# POLL CLOSED: TTOC Magazine name....



## nutts

POLL CLOSED


----------



## Kell

I had another couple of suggestions that I thought of last night, but it's probably too late.

They were 
*passionaTTe *
and 
*enthusiasTT*


----------



## Wak

OH NO! not TTotal!....his head would just swell!  ;D


----------



## nutts

TTotal and TTorque are currently neck and neck with 25% of the vote after 16 responses..... : I'm running a book..... ;D


----------



## Guest

> OH NO! not TTotal!....his head would just swell! Â  ;D


 [smiley=bomb.gif] [smiley=freak.gif] [smiley=rolleyes5.gif] [smiley=vulcan.gif]


----------



## Sammers

A magazine called "TTotal"? that is just rubbish unless it is for TT owners that do not drink!?? well John and a few others I guess

I thought that there were many poeple who liked "TTotally TT", including me.
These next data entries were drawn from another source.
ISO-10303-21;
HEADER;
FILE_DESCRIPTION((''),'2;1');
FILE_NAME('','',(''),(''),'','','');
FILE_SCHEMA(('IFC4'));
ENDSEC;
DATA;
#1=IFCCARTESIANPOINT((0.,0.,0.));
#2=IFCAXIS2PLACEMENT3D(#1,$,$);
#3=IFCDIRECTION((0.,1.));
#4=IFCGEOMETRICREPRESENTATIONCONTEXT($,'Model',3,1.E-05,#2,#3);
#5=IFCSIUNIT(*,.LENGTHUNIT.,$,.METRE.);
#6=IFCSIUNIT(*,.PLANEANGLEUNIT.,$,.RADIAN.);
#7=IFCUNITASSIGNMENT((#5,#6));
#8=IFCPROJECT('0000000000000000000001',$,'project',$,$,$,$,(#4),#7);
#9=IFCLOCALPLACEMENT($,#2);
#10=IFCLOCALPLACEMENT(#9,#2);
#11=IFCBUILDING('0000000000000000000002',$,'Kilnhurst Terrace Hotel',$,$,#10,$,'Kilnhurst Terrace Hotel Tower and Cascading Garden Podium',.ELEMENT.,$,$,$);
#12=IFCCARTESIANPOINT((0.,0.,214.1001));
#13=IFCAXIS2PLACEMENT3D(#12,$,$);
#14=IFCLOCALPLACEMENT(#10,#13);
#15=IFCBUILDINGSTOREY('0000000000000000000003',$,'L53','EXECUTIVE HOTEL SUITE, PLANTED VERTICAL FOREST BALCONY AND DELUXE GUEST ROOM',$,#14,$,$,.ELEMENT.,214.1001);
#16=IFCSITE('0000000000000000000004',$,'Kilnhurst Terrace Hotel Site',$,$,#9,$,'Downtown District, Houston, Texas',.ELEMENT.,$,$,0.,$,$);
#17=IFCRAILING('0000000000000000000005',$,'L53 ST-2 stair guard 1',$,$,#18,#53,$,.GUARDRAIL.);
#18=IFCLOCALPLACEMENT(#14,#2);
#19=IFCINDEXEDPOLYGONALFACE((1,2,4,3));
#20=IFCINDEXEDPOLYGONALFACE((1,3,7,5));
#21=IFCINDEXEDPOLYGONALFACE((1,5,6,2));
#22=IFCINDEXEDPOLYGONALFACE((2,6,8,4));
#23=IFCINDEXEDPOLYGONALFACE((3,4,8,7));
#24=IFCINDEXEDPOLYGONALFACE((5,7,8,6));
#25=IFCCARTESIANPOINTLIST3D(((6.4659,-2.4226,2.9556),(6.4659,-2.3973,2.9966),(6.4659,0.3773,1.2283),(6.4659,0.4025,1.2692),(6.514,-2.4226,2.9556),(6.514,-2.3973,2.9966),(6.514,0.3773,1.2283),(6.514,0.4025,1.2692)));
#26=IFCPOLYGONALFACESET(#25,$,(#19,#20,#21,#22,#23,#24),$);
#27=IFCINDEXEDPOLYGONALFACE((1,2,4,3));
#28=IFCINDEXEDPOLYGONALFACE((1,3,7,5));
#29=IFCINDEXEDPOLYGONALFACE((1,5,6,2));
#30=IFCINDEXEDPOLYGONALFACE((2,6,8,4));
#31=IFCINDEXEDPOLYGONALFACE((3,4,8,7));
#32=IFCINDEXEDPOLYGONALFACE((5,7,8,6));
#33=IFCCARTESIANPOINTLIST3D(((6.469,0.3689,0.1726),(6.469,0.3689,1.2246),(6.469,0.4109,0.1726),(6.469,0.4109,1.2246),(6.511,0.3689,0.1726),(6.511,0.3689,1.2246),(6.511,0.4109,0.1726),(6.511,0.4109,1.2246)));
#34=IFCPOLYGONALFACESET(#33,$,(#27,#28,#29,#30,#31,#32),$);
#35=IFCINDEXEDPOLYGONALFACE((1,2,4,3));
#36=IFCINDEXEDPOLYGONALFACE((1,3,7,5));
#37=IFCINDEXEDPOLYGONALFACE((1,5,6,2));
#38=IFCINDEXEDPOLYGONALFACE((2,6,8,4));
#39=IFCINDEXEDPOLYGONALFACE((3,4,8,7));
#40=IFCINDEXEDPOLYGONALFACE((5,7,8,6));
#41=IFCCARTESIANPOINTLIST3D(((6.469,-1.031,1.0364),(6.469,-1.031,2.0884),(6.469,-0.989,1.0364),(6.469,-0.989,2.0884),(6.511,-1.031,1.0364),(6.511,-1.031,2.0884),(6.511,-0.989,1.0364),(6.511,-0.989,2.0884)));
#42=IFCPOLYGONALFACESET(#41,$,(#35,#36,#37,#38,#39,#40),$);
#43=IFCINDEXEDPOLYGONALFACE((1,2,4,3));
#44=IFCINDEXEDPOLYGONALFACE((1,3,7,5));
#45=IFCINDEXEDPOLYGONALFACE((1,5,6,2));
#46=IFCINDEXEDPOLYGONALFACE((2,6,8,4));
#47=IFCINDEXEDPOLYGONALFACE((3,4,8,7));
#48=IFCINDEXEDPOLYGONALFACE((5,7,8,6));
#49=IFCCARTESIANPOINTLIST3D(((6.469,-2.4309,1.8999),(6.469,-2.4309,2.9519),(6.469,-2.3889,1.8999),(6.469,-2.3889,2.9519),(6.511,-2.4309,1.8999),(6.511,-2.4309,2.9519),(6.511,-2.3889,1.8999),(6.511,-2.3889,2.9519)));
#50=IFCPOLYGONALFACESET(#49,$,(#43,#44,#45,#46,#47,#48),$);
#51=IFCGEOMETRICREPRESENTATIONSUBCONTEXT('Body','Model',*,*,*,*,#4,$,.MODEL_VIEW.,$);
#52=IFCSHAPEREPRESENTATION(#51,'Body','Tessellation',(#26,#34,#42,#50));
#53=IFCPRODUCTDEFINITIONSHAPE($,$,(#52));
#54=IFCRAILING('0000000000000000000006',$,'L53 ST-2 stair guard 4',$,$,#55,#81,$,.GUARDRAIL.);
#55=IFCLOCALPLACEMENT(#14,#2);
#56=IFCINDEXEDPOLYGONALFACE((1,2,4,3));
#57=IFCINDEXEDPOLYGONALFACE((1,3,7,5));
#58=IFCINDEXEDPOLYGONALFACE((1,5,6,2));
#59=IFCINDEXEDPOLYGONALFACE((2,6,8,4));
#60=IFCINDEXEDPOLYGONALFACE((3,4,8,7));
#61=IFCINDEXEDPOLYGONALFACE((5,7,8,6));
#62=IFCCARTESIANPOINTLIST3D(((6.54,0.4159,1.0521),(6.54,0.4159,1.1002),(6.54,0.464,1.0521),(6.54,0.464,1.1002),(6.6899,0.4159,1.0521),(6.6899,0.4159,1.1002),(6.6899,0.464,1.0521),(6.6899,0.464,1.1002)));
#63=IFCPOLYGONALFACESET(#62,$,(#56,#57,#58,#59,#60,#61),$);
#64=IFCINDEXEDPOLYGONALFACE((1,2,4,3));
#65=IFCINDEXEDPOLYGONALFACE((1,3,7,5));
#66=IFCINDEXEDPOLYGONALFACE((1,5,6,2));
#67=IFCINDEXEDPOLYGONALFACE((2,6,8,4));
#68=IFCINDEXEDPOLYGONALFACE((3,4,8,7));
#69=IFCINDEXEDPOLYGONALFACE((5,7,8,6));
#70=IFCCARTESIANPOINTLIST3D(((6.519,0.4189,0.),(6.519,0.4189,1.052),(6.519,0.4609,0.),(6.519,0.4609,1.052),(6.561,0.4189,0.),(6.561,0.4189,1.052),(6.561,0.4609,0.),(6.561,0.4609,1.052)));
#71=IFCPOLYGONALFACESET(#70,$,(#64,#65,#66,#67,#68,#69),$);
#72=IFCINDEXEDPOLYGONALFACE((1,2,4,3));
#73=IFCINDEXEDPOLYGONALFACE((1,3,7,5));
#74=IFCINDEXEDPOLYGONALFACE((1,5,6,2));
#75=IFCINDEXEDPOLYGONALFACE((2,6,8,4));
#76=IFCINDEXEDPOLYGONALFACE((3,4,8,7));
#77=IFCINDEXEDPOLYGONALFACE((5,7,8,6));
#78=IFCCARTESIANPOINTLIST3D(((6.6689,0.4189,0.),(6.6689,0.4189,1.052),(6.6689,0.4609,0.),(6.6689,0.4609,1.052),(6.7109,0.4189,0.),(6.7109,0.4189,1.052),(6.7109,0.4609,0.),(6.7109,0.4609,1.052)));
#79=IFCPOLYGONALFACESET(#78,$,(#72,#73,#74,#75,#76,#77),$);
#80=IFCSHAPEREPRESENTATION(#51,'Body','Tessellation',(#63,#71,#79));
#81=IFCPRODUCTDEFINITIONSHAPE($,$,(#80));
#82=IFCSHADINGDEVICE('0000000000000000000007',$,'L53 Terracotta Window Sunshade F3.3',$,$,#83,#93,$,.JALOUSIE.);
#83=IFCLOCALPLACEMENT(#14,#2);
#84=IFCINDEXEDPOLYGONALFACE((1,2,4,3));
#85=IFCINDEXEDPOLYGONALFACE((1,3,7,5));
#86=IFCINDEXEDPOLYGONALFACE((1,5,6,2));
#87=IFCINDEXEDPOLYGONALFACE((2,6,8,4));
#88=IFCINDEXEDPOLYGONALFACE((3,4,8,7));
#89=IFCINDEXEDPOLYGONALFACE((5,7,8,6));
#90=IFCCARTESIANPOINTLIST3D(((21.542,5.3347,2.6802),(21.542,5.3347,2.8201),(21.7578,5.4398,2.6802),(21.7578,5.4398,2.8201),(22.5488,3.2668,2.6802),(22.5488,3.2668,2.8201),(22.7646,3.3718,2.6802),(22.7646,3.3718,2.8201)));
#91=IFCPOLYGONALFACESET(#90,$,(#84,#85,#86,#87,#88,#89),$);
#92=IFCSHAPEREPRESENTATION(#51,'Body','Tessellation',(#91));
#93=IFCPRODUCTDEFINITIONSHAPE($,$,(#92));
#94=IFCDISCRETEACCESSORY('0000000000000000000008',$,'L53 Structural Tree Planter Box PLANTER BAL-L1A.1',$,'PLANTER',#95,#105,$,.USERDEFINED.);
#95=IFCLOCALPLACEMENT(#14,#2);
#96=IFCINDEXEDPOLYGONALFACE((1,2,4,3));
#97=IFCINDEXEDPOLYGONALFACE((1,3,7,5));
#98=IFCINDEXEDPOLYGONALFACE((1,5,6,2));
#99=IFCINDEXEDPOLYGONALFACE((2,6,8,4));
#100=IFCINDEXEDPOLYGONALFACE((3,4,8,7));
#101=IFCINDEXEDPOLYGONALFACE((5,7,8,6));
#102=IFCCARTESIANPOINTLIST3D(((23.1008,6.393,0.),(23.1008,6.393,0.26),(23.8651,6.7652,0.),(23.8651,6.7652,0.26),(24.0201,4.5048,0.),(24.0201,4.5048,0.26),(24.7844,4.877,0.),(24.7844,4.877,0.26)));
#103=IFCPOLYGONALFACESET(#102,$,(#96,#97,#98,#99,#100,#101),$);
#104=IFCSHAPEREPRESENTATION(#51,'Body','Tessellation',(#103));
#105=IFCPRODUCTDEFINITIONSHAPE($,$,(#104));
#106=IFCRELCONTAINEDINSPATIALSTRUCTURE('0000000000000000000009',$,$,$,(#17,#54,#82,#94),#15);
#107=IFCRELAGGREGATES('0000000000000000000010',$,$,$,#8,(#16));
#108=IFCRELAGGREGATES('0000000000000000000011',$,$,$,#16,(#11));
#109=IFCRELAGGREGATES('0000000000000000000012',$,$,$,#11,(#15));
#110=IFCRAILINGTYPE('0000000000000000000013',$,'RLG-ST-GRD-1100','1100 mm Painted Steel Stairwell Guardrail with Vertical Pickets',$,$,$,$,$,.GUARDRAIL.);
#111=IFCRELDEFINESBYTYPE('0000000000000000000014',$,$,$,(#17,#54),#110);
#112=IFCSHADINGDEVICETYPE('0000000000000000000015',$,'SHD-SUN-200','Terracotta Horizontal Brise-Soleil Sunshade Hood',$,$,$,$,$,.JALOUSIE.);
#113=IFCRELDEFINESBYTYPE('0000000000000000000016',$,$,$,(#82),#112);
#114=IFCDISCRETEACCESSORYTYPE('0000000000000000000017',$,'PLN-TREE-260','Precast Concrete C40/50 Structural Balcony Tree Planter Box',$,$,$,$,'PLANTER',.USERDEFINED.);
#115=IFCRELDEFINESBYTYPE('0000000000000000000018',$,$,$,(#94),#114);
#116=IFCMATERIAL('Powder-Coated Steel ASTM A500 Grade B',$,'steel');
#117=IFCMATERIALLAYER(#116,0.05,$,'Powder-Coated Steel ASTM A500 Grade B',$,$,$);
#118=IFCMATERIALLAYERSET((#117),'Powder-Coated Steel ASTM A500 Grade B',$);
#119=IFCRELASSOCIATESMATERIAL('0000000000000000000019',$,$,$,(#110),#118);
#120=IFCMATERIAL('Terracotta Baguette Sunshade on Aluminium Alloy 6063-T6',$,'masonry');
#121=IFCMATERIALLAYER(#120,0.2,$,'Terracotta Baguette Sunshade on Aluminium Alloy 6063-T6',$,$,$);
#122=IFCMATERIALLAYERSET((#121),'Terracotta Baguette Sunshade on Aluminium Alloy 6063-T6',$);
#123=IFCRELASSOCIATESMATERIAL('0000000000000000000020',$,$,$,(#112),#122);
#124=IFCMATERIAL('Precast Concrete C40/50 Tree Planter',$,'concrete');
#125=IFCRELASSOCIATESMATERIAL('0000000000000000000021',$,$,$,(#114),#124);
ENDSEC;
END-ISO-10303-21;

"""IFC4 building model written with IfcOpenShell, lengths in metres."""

from ifc_helpers import new_model, si_unit, direction, frame, origin, origin_2d, place, context, subcontext, project, spatial, rectangle, extrude, material, layer, layer_set, type_object, element, save


model = new_model("IFC4")

# Units and contexts
model_context = context("Model", 3, precision=1e-05, world=origin(), true_north=direction((0.0, 1.0)))
body_context = subcontext(model_context, "Body", "Model", "MODEL_VIEW")
ifc_project = project(units=[si_unit("LENGTHUNIT", "METRE"), si_unit("PLANEANGLEUNIT", "RADIAN")], contexts=[model_context])

# Site, building, storey
site_placement = place(None, origin())
site = spatial("IfcSite", under=ifc_project, at=site_placement, Name="Kilnhurst Terrace Hotel Site", LongName="Downtown District, Houston, Texas", CompositionType="ELEMENT", RefElevation=0.0)
building_placement = place(site_placement, origin())
building = spatial("IfcBuilding", under=site, at=building_placement, Name="Kilnhurst Terrace Hotel", LongName="Kilnhurst Terrace Hotel Tower and Cascading Garden Podium", CompositionType="ELEMENT")
storey_placement = place(building_placement, frame((0.0, 0.0, 214.1001)))
storey = spatial("IfcBuildingStorey", under=building, at=storey_placement, Name="L53", Description="EXECUTIVE HOTEL SUITE, PLANTED VERTICAL FOREST BALCONY AND DELUXE GUEST ROOM", CompositionType="ELEMENT", Elevation=214.1001)

# Railings
ifc_material_1 = material(Name="Powder-Coated Steel ASTM A500 Grade B", Category="steel")
ifc_layer_1 = layer(ifc_material_1, 0.05, Name="Powder-Coated Steel ASTM A500 Grade B")
ifc_layer_set_1 = layer_set([ifc_layer_1], Name="Powder-Coated Steel ASTM A500 Grade B")
railing_type = type_object("IfcRailingType", Name="RLG-ST-GRD-1100", Description="1100 mm Painted Steel Stairwell Guardrail with Vertical Pickets", PredefinedType="GUARDRAIL", material=ifc_layer_set_1)
railing_1_placement = place(storey_placement, frame((6.49, 0.3899, 0.1726)))
element("IfcRailing", 1, at=railing_1_placement, inside=storey, type_object=railing_type, Name="L53 ST-2 stair guard 1", PredefinedType="GUARDRAIL", context=body_context, shape_type="SweptSolid", body=[
    extrude(rectangle(XDim=0.0481, YDim=0.0481, at=origin_2d()), frame((0.0, 0.0, 1.0762), z_axis=(0.0, -0.851069, 0.525054), x_axis=(1.0, 0.0, 0.0)), (0.0, 0.0, 1.0), 3.2898),
    extrude(rectangle(XDim=0.042, YDim=0.042, at=origin_2d()), origin(), (0.0, 0.0, 1.0), 1.052),
    extrude(rectangle(XDim=0.042, YDim=0.042, at=origin_2d()), frame((0.0, -1.3999, 0.8638)), (0.0, 0.0, 1.0), 1.052),
    extrude(rectangle(XDim=0.042, YDim=0.042, at=origin_2d()), frame((0.0, -2.7998, 1.7273)), (0.0, 0.0, 1.0), 1.052),
])
railing_2_placement = place(storey_placement, frame((6.54, 0.4399, 0.0)))
element("IfcRailing", 2, at=railing_2_placement, inside=storey, type_object=railing_type, Name="L53 ST-2 stair guard 4", PredefinedType="GUARDRAIL", context=body_context, shape_type="SweptSolid", body=[
    extrude(rectangle(XDim=0.0481, YDim=0.0481, at=origin_2d()), frame((0.0, 0.0, 1.0762), z_axis=(1.0, 0.0, 0.0), x_axis=(0.0, 1.0, 0.0)), (0.0, 0.0, 1.0), 0.1499),
    extrude(rectangle(XDim=0.042, YDim=0.042, at=origin_2d()), origin(), (0.0, 0.0, 1.0), 1.052),
    extrude(rectangle(XDim=0.042, YDim=0.042, at=origin_2d()), frame((0.1499, 0.0, 0.0)), (0.0, 0.0, 1.0), 1.052),
])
Should TTotal read TTotally TT? if so, the vote should be re-started.... Â

Mark, whats the score?

Craig


----------



## Guest

although a title we the "TT" at the start does add more prominence for the "TT" ( ???)


----------



## nutts

Results so far..... not decided when the poll will close yet, but I will give plenty of notice. Sammers, not sure which I should choose, there were so many listed and I could only use 10 for this poll. So unless anyone knows anyway of voting for greater than 10, I guess there is no point in restarting the poll, because there will always be someone disappointed :-/ :-/ :-/

ExciTTe 16% 
TTotal 20% 
AcceleraTTe 4% 
TTorque 24% 
Audi TTimes 0% 
SporTT 4% 
Pure TT 24% 
InTTro 4% 
BoosTT 0% 
FanaTTic 4%


----------



## Sammers

Well I voted for TTotal assuming it should really be TTotally TT!


----------



## ADB

Am I being really dumb but what about:

UK TTOC Magazine or TT Magazine

Plain & simple - it does exactly what it says on the tin.....

Andy


----------



## Guest

Some of these names are a bit Max Power aren't they? ;D Did like someone's suggestion of AbsoluTTe. Subtle and defined the TT. After all, the Scooby mag we were shown was called True Grip, no Scooby mentioned in the title and has a professional sound to it.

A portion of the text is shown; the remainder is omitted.